Hennric Jokeit’s exhibition “Negative Vision” in “Prospekto” gallery
by Sandra Kovalik, Sulėtinto matymo pratybos. 7md, Nr. 24 (1176), 2016-06-17
http://www.7md.lt/daile/2016-06-17/Suletinto-matymo-pratybos
The exhibition “Negative Vision” by German photographer Hennric Jokeit opened on the 7th of June in the “Prospekto” photography gallery. The photographer presents photographs created by converting digital photography into negative image. For Jokeit, the relationship between the image and the beholder and the moment of looking itself are more important than technological particularities of photography. After viewing the exhibition I agree with the critic Enno Kaufhold’s opinion that the essence of Jokeit’s works lies in the additional meanings created by negative vision, while rethinking the relationship with the positive.

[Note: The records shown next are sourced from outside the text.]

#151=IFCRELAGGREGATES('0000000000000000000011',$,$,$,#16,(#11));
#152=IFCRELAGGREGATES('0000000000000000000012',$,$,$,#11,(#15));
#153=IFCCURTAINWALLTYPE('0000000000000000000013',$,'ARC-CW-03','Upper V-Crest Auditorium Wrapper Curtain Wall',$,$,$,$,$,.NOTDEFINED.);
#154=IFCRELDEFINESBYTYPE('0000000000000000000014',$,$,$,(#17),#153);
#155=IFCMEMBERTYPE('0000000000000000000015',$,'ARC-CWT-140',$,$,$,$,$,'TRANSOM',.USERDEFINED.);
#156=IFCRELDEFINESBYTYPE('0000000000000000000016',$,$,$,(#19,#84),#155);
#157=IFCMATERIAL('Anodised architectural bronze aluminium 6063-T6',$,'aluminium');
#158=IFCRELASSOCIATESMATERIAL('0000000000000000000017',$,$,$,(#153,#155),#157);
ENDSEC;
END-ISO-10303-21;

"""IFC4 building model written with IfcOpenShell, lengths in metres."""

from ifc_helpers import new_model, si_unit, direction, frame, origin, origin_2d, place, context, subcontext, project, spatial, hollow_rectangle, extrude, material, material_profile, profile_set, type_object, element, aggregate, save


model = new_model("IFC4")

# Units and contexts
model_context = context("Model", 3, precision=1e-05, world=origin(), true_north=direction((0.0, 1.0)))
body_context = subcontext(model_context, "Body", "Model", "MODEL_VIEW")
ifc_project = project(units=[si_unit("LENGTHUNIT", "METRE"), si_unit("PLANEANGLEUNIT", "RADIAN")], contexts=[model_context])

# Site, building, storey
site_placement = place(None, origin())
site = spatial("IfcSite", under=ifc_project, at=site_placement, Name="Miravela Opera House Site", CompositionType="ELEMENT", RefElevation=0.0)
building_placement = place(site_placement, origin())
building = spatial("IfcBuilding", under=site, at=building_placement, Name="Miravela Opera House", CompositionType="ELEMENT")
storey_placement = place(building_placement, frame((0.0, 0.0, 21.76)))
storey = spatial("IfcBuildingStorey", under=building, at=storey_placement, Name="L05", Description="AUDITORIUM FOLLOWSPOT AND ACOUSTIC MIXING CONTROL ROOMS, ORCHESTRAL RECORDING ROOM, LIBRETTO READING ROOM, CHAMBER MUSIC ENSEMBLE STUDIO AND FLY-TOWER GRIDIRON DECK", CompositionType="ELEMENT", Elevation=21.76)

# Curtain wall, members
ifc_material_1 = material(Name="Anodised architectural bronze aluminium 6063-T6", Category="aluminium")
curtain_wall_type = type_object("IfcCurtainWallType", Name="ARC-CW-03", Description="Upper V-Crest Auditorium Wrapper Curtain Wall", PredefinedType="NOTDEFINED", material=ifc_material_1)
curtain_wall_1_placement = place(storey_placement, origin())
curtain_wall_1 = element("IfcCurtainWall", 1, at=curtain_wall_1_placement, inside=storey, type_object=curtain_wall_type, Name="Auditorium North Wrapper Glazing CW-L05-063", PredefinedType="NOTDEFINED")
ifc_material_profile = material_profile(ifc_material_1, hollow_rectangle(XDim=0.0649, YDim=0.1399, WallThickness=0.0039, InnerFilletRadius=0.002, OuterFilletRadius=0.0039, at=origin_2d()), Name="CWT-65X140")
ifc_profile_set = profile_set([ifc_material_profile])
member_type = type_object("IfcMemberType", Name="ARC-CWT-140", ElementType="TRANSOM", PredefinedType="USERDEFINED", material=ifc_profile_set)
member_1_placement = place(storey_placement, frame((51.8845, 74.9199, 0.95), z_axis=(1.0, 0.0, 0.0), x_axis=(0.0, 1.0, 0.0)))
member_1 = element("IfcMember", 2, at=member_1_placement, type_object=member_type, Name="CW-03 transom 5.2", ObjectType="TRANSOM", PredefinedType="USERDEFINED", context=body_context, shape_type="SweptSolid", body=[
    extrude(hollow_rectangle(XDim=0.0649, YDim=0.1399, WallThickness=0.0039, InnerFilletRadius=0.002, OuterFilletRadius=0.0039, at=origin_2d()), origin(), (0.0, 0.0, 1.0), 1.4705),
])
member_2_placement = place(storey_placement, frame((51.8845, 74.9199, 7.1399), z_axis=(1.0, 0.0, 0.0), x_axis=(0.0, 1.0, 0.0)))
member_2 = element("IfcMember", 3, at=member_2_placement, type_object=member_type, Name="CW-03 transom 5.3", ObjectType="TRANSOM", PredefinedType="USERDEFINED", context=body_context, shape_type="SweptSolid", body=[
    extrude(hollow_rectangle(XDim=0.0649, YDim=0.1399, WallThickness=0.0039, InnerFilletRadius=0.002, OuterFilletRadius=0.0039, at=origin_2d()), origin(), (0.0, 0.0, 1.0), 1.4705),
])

The negative, which has usually been the precondition for the appearance of the positive, reveals an image that disturbs the beholder in Jokeit’s works. Everything is not as it should be – houses, interiors, natural and urban landscapes are engraved by the darkness shining out from the corners, nooks, and roots of the trees. The snow on the hills is black and the branches of the trees appear as ghosts of the dead in Jokeit’s photographs. Perceptual processes become confused and we begin to solve the puzzle while looking at the negative – what does the positive look like? Perhaps we could call it the exercise of vision and perception? Looking and trying to convert the image makes the process of looking conscious, although the perception of the flow of images is usually unconscious.

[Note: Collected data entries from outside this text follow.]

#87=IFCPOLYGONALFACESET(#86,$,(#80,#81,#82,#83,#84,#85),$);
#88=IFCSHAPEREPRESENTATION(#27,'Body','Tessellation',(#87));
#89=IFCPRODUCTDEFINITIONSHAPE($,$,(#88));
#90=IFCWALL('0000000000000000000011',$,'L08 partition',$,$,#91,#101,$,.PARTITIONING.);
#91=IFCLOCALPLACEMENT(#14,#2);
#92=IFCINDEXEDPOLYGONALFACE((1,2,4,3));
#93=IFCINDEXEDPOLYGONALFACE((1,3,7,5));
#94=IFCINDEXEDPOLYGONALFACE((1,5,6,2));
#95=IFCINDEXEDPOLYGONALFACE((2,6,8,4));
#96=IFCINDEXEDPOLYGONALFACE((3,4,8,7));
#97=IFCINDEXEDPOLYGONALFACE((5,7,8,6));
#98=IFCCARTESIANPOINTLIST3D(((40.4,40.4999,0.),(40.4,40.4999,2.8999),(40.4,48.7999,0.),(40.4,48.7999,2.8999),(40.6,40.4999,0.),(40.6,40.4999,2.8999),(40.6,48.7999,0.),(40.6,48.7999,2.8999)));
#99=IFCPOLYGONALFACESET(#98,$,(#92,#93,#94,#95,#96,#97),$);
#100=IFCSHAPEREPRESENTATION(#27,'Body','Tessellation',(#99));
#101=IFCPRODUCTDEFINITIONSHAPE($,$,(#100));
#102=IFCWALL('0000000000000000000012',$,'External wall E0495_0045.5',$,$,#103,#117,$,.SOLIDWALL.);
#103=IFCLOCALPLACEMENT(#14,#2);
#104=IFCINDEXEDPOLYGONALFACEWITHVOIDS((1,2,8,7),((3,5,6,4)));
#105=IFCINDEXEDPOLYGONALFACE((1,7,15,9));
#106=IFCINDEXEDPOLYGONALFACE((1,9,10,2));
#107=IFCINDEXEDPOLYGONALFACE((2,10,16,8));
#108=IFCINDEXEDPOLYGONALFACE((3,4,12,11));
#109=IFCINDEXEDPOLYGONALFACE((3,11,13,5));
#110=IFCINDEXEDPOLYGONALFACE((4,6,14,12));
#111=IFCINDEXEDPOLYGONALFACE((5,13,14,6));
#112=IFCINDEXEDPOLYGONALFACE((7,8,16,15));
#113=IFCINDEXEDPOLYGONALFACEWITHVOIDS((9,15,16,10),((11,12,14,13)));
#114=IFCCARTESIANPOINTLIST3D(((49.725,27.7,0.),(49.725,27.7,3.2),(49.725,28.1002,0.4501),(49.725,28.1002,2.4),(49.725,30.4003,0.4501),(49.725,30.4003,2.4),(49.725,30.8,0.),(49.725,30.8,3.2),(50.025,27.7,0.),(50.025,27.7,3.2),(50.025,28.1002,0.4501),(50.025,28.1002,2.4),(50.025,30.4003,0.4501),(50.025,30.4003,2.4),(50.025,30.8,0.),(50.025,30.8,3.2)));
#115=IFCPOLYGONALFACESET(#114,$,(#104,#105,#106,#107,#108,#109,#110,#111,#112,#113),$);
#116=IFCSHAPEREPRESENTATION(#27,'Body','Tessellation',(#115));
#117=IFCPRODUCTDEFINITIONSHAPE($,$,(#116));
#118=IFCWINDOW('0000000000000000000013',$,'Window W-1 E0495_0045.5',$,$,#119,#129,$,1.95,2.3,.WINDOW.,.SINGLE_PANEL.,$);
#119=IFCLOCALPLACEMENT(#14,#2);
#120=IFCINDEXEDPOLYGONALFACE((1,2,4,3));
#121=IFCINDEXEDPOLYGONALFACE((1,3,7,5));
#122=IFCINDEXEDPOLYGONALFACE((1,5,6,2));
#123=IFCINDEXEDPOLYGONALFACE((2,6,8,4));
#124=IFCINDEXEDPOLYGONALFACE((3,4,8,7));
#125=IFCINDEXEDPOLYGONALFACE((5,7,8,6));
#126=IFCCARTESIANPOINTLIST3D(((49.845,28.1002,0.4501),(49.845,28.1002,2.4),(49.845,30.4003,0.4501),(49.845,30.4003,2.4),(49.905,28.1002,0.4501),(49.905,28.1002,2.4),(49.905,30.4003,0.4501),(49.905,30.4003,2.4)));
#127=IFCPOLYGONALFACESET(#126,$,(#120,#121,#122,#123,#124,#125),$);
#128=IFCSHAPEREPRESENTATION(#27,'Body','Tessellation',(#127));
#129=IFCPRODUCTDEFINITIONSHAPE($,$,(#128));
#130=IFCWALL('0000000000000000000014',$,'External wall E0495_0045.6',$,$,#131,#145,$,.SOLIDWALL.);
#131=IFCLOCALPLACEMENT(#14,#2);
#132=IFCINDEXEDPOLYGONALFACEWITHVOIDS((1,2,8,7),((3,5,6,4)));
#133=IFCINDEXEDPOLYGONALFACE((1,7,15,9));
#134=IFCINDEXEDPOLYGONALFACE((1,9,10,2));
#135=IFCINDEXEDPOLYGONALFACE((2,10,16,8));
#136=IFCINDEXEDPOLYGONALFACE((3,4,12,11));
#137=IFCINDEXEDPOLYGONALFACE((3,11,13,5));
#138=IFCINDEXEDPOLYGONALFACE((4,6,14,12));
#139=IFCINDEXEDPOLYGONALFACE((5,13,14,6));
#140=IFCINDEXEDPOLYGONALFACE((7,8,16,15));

I think Jokeit questions not only the way of seeing, but also the perception of reality by converting the visible image. Photography, and contemporary photography in particular, raises questions about visual perception. For Jokeit and other conceptual authors it is more interesting to explore photography itself as a media, which forms the perception of the world via an image. In short, one returns to the question “objective or subjective” over and over again in photography.
Information received through vision remains in our subconscious as images. The photographer is a neuropsychologist and being well acquainted with neural processes analyzes cognitive principles of vision and its relationship with the conscious and subconscious through photography. It’s no surprise that the relationship between photography and vision is inherent – a photo camera operates as an eye. The anatomical structure of the eye and the physiology of vision have become the basis for the technology of photography. Only for us the result of vision remains a subjective photograph – a memory. The attention is focused only where the enduring value of information is.
Although it is a simple trick, Jokeit’s negatives encourage one to perceive the relationship between the image and oneself. We become the creators of meaning while scrutinizing the visual text of the negative. The image of the negative suggests the opposition between the negative and the positive, which is based on the semantic relation “subjective-objective”. Jokeit looks beyond the global flow of digital images. Today, digital images are omnipresent, serving as a window to any situation of contemporary reality. They are impossible to avoid unless we cover our eyes, but even with our eyes closed we remain in-between this and virtual reality. Common everyday spaces – room interiors, a street, a fence or an empty abandoned corridor – help Jokeit to locate himself beyond the digital image. It’s very easy to place oneself in these insignificant household situations, i.e. to feel your presence in it. Thus, while the flow of images from screens is the source of information, i.e. of alleged objectiveness, Jokeit tries to oppose this tradition of visual hyper-objectiveness by means of his negatives. His photographs help to feel what it means to go beyond objective images, which give useful information, and to settle in the backstage of the reversed negative. It is the consciously perceived relationship between the beholder and the image, related to the efforts to tear oneself off the digital surface, to crawl behind it, while denying the principles of light and darkness, thus denying objectiveness per se. After reversing the contrast, the attention becomes focused on the hidden areas lying in the darkness of the positive image and exposes the depicted objects and the beholder to the other existence.
Captured everyday moments are the evidence of subjective reality or the trace, following which the beholder can envisage the forthcoming image in his mind. Jokeit directs our attention to the negative culture of the postmodern world by means of converting the positive image into the negative. Visual culture gives a consumer the opportunity to experience fictive lives, to feel alive via cinema, television, and mass media while in reality you are lying on your sofa staring at a screen day by day. It is life that denies the very concept of life because you never experience what you wish to, because it simply doesn’t exist. The deception itself probably begins with the impossibility of an image. Everything begins with one frame in Jokeit’s exhibition and continues frame by frame until we conduct insignificant every-days into harmonious sound by closing and opening our eyes. Harmonious, imaginary experience intertwined with the reality of life and impressing itself into consciousness in the form of a drawing made by light. The final image is not possible, the author suggests, as objectiveness is not possible either.
The author slows down the process of seeing by presenting the negative, because one can “earn” the positive image only by consolidating one’s capabilities of vision and the processes taking place in one’s consciousness. Jokeit disrupts the acquisition of an image by exposing the photographed objects to negative vision. He does it with the help of the “light brush” and by painting the world turned inside out, which will never be possible. He proves the idea of Roland Barthes – that photography is mortality – with his works. The idea of what will be arising in the image and dying before it could become the reality.